Бородин: Ни с чем не сравнимое чувство времени, заложенное в пьесе Стоппарда. Это не просто его игра - он играет всегда и со всем; это его мощное ощущение связанности всего со всем. Феноменальное знание театра. Как у Гоголя. Стоппард любит спрашивать: "Эта фраза работает?" И колоссальное чувство юмора, которое надо было как-то уловить.

РГ: А как возник образ корабля в последней части?

Бородин: Я шел из глубины к авансцене. И понял, что должен ступить дальше. А дальше возник образ корабля, выброшенного на берег.

РГ: Я помню, как все скептически говорили, что спектакль не продержится и полгода. Ведь это был колоссальный риск. Как вы выстояли?

Бородин: Меня очень поддерживали жена, дочь и сын. И потом - некоторые артисты. Все остальные говорили - это колоссальный риск. В минкульте нашего директора спрашивали: "Зачем вы это делаете?" Он грандиозно отвечал: "Это нас выведет на новый этап".

От редакции

В сезоне 2009-2010 годов в РАМТе вышли следующие спектакли:

1. Дж.

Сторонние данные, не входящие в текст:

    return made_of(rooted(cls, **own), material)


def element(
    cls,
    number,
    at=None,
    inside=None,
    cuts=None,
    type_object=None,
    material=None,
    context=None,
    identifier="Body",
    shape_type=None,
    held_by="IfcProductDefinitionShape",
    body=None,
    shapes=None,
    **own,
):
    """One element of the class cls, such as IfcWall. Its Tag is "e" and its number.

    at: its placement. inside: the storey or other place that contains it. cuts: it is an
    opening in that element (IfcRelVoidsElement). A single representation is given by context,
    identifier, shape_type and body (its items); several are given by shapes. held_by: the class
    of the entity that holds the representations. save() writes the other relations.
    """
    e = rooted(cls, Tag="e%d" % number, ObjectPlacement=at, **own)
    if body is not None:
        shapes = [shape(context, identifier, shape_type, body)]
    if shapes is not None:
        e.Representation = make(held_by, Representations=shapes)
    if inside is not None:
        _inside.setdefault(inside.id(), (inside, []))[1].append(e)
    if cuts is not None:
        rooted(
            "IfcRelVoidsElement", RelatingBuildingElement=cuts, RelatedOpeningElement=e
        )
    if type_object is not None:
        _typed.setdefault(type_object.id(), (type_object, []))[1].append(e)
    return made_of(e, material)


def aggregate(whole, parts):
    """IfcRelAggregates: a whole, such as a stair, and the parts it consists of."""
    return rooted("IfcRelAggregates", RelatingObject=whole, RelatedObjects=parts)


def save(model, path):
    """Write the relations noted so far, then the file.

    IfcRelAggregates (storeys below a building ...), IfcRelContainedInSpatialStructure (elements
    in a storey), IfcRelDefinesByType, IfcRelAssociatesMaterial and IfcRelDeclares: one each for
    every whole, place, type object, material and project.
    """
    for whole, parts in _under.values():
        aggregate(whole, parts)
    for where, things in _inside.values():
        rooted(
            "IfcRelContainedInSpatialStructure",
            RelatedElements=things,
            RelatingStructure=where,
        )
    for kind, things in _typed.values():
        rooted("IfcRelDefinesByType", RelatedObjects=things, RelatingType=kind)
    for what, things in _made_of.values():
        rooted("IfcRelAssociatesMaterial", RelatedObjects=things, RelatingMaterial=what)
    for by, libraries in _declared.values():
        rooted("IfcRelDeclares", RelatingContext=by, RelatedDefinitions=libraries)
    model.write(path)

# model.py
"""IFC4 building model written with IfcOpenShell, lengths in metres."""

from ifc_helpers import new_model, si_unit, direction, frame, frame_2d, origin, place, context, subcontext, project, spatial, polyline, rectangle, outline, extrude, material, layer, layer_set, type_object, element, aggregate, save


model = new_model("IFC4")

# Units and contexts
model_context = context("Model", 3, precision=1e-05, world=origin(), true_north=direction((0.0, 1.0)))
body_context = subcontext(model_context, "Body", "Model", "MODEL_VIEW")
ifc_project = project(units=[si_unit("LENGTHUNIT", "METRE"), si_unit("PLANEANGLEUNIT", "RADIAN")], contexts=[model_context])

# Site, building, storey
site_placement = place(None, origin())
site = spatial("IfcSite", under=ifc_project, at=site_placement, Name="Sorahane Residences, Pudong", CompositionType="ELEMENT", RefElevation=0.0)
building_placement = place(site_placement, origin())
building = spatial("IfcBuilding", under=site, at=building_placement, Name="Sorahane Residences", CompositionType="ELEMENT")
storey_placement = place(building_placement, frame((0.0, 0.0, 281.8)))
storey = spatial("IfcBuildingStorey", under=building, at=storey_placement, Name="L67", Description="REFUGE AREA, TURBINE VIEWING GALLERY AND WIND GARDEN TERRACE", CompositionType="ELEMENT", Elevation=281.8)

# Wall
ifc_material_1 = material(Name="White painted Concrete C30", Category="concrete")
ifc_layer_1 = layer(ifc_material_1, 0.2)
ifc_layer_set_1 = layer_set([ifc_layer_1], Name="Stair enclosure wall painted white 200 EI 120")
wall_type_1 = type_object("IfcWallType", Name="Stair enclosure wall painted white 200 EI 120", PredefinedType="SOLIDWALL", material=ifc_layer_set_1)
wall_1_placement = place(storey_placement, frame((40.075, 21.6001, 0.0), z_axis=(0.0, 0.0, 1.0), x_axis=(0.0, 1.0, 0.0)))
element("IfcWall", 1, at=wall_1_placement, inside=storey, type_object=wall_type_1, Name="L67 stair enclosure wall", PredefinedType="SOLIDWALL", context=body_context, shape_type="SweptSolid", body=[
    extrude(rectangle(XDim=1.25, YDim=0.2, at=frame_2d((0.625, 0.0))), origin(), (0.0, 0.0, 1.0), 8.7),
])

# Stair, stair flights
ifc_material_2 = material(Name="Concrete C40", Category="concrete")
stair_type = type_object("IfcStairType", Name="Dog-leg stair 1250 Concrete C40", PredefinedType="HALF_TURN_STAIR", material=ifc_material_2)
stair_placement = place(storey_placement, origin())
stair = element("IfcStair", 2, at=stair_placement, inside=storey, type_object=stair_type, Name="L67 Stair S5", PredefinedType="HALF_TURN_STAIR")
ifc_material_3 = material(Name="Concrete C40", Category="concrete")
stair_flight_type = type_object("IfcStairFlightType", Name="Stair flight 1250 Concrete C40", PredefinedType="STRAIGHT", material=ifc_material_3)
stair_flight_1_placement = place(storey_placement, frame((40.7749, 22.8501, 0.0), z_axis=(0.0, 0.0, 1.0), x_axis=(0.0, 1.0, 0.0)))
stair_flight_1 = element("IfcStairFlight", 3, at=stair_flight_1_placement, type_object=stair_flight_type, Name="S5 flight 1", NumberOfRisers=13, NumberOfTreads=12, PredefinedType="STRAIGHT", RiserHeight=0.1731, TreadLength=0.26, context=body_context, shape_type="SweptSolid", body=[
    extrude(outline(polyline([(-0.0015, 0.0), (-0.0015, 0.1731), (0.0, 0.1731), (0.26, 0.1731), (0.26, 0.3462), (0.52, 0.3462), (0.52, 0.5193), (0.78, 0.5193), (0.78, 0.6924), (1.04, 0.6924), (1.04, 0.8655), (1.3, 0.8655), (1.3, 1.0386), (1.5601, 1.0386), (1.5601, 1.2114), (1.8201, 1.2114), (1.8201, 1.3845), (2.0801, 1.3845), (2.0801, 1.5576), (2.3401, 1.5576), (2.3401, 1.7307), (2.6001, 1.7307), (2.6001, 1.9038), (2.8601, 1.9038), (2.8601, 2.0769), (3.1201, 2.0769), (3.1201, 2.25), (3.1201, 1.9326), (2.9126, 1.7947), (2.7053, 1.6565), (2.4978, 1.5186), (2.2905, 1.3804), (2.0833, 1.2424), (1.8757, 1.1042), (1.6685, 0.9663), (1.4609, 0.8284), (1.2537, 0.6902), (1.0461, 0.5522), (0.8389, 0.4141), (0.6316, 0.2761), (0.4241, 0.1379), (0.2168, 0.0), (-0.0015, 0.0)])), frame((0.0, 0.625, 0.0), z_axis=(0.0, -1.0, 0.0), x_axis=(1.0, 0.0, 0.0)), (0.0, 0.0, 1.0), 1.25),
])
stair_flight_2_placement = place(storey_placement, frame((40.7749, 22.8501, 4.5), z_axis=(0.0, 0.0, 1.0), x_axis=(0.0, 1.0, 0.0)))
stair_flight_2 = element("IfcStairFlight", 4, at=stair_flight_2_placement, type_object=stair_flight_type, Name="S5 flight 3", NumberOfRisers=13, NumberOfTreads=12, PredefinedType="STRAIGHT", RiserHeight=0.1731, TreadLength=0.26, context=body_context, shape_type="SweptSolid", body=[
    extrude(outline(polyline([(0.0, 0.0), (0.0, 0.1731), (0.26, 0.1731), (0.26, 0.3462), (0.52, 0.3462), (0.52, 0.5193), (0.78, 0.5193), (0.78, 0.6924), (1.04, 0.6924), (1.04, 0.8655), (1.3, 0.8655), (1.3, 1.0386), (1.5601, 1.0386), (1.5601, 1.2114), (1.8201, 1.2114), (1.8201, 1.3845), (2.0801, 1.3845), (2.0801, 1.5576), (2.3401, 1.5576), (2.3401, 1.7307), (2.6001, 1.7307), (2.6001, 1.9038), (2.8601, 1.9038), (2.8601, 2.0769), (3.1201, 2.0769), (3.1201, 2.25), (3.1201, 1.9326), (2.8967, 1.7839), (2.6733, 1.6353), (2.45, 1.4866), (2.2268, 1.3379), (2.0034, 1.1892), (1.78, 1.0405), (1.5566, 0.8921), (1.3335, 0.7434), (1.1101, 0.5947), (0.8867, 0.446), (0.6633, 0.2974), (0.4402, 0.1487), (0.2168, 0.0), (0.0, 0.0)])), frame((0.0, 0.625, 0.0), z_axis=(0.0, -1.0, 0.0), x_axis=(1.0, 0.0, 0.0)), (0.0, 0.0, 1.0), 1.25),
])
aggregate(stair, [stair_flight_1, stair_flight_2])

Редьярд Киплинг "Как кот гулял, где ему вздумается" (режиссер - Сигрид Стрем Рйбо). 2.Тоон Теллеген "Почти взаправду" (режиссер - Екатерина Половцева). 3. Борис Шергин "Волшебное кольцо" (режиссер - Александр Хухлин). 4. Александр Афанасьев "Бесстрашный барин" (режиссер - Марфа Назарова). 5. Влад Ладов по А.С.Некрасову "Приключения капитана Врунгеля" (режиссер - Борис Гранатов). 6. Владимир Набоков "Приглашение на казнь" (режиссер - Павел Сафонов). 7. Рональд Шиммельпфенниг "Под давлением 1-3" (режиссер - Егор Перегудов). 8. Максим Дунаевский, Михаил Бартенев, Андрей Усачев по А.Грину "Алые паруса" (режиссер - Алексей Бородин). 9. Миндаугас Карбаускис по повести Ицхокаса Мераса "Ничья длится мгновение" (режиссер - Миндаугас Карбаускис). 10. Кристо Шагор "FSK 16" Не верь тем, кому нет шестнадцати" (режиссер - Яна Лисовская). 11. Евгений Клюев "Думайте о нас" (режиссер - Владимир Богатырев). 12. Дэвид Оберн "Доказательство" (режиссер - Кшиштоф Занусси).

До конца сезона 2009-2010 гг. должны выйти премьеры: Морис Панич "Соглядатай" (режиссер - Антон Яковлев), Михаил Зощенко "Сентиментальные повести" (режиссер - Рустем Фесак), Антон Чехов "Чехов-gala" (режиссер - Алексей Бородин).